3 Steps to Measure CX Impact and Align Your C-Suite Around Experience

To build support and consensus around the practice of customer experience, I often tell my coaching clients that the very first thing that you must do is: you’ve got to ring the money bell. Recognize that, at the end of the day, we are all here to grow our business—and that’s what your C-Suite cares about.

Leaders should do the following three things when you take on the responsibilities of a chief customer officer or head of customer experience.

As a CCO You Must Create One Version of the Truth

Bring the CFO, CMO, CEO—all the alphabet people—and do the customer math. But the key is to do a common version of the math. What’s the volume and the expected value of incoming customers? That’s how good you were at acquisition. But we also have to understand: how many customers did we lose? Volume and value. Because one in is not equal to one out.

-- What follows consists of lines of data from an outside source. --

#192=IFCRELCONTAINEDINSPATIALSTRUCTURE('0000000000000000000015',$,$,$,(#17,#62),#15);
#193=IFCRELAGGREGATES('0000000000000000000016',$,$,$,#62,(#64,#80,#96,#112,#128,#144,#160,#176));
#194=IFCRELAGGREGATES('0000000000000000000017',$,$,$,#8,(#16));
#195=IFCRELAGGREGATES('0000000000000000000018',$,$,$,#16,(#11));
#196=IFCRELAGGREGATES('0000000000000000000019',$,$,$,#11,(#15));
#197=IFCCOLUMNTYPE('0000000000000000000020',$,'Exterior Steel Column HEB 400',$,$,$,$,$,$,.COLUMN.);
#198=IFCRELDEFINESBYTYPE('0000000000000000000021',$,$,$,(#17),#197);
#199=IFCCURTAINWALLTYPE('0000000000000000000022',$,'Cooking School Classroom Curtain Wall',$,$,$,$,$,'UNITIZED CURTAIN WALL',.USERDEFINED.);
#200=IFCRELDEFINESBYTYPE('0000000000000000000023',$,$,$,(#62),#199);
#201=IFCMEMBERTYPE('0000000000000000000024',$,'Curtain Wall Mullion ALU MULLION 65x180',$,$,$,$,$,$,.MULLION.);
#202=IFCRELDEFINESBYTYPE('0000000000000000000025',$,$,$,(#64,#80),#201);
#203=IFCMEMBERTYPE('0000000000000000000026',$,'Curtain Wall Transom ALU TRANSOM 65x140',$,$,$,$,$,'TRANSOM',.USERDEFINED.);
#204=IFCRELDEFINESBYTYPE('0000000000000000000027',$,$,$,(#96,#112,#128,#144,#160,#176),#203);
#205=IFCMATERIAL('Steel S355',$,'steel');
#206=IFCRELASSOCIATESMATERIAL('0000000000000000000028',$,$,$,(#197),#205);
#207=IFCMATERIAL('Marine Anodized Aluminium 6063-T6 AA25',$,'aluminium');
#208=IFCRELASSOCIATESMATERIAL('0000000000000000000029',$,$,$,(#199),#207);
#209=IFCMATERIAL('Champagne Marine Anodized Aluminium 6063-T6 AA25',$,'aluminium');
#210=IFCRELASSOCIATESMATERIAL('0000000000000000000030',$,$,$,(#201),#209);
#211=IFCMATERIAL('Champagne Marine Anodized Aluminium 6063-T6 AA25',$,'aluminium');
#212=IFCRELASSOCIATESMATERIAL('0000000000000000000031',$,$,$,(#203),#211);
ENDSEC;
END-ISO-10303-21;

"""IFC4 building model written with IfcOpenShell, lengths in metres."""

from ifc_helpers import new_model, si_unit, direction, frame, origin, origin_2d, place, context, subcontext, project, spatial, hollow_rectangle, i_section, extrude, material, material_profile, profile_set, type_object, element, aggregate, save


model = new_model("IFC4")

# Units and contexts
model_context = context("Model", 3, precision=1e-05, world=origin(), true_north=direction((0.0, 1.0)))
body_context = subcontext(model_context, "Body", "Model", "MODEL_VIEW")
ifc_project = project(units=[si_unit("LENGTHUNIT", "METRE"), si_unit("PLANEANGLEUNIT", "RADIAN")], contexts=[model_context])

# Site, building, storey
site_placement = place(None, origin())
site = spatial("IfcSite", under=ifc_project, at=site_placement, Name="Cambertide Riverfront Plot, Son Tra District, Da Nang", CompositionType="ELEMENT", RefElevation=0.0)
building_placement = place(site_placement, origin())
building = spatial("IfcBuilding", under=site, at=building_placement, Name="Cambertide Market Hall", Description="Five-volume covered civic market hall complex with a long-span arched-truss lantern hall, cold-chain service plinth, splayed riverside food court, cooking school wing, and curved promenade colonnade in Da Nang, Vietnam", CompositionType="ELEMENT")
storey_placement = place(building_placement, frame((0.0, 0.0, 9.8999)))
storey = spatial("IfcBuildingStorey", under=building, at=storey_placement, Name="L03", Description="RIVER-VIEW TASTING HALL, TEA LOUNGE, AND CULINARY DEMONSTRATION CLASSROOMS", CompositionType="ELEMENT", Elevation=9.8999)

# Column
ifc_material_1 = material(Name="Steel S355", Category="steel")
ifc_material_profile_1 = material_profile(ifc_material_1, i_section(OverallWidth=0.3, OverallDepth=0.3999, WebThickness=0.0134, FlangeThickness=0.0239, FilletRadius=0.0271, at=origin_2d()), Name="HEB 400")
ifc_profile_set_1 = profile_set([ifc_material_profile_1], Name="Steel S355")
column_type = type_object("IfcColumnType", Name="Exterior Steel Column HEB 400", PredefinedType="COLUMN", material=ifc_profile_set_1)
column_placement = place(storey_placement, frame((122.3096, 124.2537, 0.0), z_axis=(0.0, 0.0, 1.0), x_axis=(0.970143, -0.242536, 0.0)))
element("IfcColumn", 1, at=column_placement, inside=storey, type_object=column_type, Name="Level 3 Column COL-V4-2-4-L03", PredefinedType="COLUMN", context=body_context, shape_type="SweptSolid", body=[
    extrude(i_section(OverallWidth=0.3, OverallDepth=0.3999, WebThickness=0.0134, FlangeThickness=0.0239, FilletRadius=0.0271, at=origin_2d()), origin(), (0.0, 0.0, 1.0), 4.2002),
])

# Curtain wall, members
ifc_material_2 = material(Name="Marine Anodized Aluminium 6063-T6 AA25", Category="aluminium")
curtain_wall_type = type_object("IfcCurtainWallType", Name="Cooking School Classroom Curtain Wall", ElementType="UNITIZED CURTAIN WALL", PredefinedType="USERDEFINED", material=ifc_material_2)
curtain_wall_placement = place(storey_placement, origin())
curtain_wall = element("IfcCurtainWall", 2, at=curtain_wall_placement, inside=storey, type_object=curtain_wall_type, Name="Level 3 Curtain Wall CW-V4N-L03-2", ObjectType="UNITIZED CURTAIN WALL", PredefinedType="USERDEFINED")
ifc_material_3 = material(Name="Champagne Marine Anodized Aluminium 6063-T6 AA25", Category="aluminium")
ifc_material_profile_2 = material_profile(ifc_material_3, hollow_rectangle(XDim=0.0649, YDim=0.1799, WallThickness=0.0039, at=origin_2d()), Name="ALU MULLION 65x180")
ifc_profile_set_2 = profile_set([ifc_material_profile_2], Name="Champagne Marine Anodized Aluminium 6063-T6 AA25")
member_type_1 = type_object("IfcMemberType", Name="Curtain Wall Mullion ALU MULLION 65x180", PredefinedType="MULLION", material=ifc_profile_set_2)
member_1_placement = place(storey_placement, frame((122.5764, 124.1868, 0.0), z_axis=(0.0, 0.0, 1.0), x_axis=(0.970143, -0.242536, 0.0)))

Let’s say you’re selling five product categories. Each one of those product categories is going to present their math differently and roll up their red, yellow and green dots based on how they’re doing in their category. But the CEO needs to care about the big picture; as an enterprise, are we earning and keeping more valued customers than we’re losing?

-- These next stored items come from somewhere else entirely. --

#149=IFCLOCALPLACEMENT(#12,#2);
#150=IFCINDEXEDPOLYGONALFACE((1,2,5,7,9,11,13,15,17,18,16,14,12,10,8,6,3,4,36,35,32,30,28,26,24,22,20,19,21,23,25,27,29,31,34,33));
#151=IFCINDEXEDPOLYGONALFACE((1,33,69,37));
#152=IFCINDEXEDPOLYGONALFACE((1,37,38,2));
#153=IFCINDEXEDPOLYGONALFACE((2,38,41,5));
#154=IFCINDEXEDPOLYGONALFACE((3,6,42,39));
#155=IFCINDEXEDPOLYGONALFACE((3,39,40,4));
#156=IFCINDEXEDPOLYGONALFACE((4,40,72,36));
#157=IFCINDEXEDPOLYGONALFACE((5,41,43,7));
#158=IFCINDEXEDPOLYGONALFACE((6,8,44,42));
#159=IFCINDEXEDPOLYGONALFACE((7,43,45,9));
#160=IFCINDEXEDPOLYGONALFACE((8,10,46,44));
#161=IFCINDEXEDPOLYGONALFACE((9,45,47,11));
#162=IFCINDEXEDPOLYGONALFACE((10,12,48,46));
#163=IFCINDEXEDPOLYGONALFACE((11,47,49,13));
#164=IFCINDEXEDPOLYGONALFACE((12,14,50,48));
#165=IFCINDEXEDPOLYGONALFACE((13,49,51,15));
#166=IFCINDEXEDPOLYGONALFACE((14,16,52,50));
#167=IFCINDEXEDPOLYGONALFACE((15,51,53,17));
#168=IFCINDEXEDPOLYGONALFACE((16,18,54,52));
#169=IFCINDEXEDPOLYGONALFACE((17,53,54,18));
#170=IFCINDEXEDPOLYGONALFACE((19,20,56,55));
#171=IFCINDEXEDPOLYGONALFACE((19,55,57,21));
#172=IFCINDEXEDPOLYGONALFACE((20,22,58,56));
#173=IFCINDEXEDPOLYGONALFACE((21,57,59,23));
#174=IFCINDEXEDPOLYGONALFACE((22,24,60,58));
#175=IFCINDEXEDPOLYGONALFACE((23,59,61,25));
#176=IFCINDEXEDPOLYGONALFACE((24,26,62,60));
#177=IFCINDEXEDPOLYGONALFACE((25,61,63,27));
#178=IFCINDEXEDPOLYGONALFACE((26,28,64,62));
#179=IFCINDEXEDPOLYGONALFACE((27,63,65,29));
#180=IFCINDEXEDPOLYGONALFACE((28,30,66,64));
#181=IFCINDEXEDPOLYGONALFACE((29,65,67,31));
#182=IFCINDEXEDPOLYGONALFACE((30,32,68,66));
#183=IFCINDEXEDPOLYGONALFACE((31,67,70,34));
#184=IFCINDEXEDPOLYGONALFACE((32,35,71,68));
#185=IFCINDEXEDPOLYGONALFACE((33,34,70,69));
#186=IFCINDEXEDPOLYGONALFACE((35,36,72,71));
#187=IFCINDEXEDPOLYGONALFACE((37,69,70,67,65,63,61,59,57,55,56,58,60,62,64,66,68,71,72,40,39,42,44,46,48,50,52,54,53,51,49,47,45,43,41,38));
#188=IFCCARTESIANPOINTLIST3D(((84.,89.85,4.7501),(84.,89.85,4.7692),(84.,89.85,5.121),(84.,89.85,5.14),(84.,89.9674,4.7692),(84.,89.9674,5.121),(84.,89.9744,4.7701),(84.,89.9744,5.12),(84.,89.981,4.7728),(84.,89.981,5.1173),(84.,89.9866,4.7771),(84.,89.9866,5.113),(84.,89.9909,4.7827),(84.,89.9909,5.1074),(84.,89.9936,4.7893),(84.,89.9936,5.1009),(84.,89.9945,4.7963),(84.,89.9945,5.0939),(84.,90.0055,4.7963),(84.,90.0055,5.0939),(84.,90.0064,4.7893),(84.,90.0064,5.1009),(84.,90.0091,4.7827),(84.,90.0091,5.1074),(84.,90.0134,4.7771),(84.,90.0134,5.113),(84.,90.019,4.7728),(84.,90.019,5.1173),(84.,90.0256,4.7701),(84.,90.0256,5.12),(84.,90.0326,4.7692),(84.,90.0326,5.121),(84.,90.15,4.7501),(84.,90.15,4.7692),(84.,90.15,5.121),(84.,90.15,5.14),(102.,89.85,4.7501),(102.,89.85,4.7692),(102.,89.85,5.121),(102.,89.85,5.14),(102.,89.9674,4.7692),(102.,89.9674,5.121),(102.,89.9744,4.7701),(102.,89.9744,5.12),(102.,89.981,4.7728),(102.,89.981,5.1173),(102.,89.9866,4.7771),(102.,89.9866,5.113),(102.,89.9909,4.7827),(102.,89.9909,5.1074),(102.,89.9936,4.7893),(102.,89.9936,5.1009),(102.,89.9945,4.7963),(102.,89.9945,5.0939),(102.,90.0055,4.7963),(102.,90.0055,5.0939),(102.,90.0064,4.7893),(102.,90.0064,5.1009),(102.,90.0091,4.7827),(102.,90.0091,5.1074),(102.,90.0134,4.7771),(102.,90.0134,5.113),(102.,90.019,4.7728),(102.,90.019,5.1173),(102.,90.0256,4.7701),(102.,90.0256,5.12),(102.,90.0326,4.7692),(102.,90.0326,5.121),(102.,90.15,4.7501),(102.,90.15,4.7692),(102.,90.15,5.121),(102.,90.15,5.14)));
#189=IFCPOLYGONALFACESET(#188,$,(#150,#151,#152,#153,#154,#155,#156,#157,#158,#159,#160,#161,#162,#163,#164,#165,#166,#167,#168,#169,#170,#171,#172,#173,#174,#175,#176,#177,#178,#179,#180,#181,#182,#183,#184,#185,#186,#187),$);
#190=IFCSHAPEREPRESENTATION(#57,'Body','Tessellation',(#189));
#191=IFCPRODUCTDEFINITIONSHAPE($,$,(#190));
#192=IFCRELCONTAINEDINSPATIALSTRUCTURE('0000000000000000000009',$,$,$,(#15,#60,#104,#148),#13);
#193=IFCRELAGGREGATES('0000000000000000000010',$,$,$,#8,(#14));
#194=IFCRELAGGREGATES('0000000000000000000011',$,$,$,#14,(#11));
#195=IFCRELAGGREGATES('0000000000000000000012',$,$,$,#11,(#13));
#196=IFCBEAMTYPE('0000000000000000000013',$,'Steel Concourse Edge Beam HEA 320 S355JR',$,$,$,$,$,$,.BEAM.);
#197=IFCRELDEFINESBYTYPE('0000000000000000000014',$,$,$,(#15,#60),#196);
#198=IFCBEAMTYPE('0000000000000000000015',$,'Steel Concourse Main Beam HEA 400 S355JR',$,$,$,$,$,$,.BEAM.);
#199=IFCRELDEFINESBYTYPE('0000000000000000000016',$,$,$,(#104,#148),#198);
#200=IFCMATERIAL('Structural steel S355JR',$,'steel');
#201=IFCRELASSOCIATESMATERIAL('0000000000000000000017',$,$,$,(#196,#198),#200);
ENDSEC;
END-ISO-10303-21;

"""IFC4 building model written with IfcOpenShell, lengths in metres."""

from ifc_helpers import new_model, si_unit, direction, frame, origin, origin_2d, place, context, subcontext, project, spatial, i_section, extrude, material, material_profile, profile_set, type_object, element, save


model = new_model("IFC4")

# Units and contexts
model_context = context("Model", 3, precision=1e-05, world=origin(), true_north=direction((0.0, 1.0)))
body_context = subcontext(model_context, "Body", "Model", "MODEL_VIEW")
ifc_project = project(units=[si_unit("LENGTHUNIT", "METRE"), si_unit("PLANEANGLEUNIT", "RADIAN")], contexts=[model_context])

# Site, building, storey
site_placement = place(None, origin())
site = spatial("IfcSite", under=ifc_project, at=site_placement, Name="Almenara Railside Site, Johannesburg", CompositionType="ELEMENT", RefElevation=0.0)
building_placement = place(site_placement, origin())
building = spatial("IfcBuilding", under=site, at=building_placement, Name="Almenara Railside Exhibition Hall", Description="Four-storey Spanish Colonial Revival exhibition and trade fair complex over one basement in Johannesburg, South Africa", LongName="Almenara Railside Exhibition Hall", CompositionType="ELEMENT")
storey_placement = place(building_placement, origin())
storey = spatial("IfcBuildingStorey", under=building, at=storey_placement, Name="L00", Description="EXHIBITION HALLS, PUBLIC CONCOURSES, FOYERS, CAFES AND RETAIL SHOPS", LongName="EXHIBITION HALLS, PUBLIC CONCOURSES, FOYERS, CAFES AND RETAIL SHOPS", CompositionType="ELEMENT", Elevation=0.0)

Once we have this number, we can then think about the human whose life we impact, and we can get our leaders pounding their hands on the table and going, “Why, why, what happened?”

That’s where all these other things we know about—the journey et cetera—become a part of the blueprint for telling the story of the “why.” But we often jump to the story, and we don’t acknowledge the business imperative, which is the growth part.

What your CEO cares about is the big picture. As an enterprise, are we earning and keeping more valued customers than we're losing? You need to show this math to build buy-in for #CX. Click To Tweet

Look at Impact in Real Terms

Here’s the other thing: I want people to answer the above question in whole numbers, not in retention rates because retention rates give you a false positive.

I also believe we need to take people off the spreadsheet and we want to give people a little agit—a little sick in the belly.

For instance, if we brought in 100 customers, show your executives: what is the expected value of those customers? But in that same quarter, did we lose 55 customers? What were they worth? What if they were worth three times more than those hundred we brought in? Or what if 40% of them downgraded what they bought and were now worth less?

Unite Your Team with this Board-Level Metric

My mantra about this measurement process is: clunky is good. You’re not going to have it all perfect. That’s why you must get the CEO, the CMO, the sales guy, and definitely the CFO at the table so they have a voice in building this metric with you. They need to be your partners, because ultimately what we want is for this number to be a board-level metric.

The other cool thing about this metric is that you can’t cross-tab your way out of it. You can’t beg for a better number. And you can’t refute the validity of the customers answering your survey questions, which are all the things that happen in our traditional measure.

In other words, it gives all of your leaders a common “talk track” to say, “As a result of the experience we all delivered, did we earn the right to grow?” Because two things have to happen to get the kind of buy-in that will move your customer experience forward: It’s got to be simple. It’s got to be irrefutable.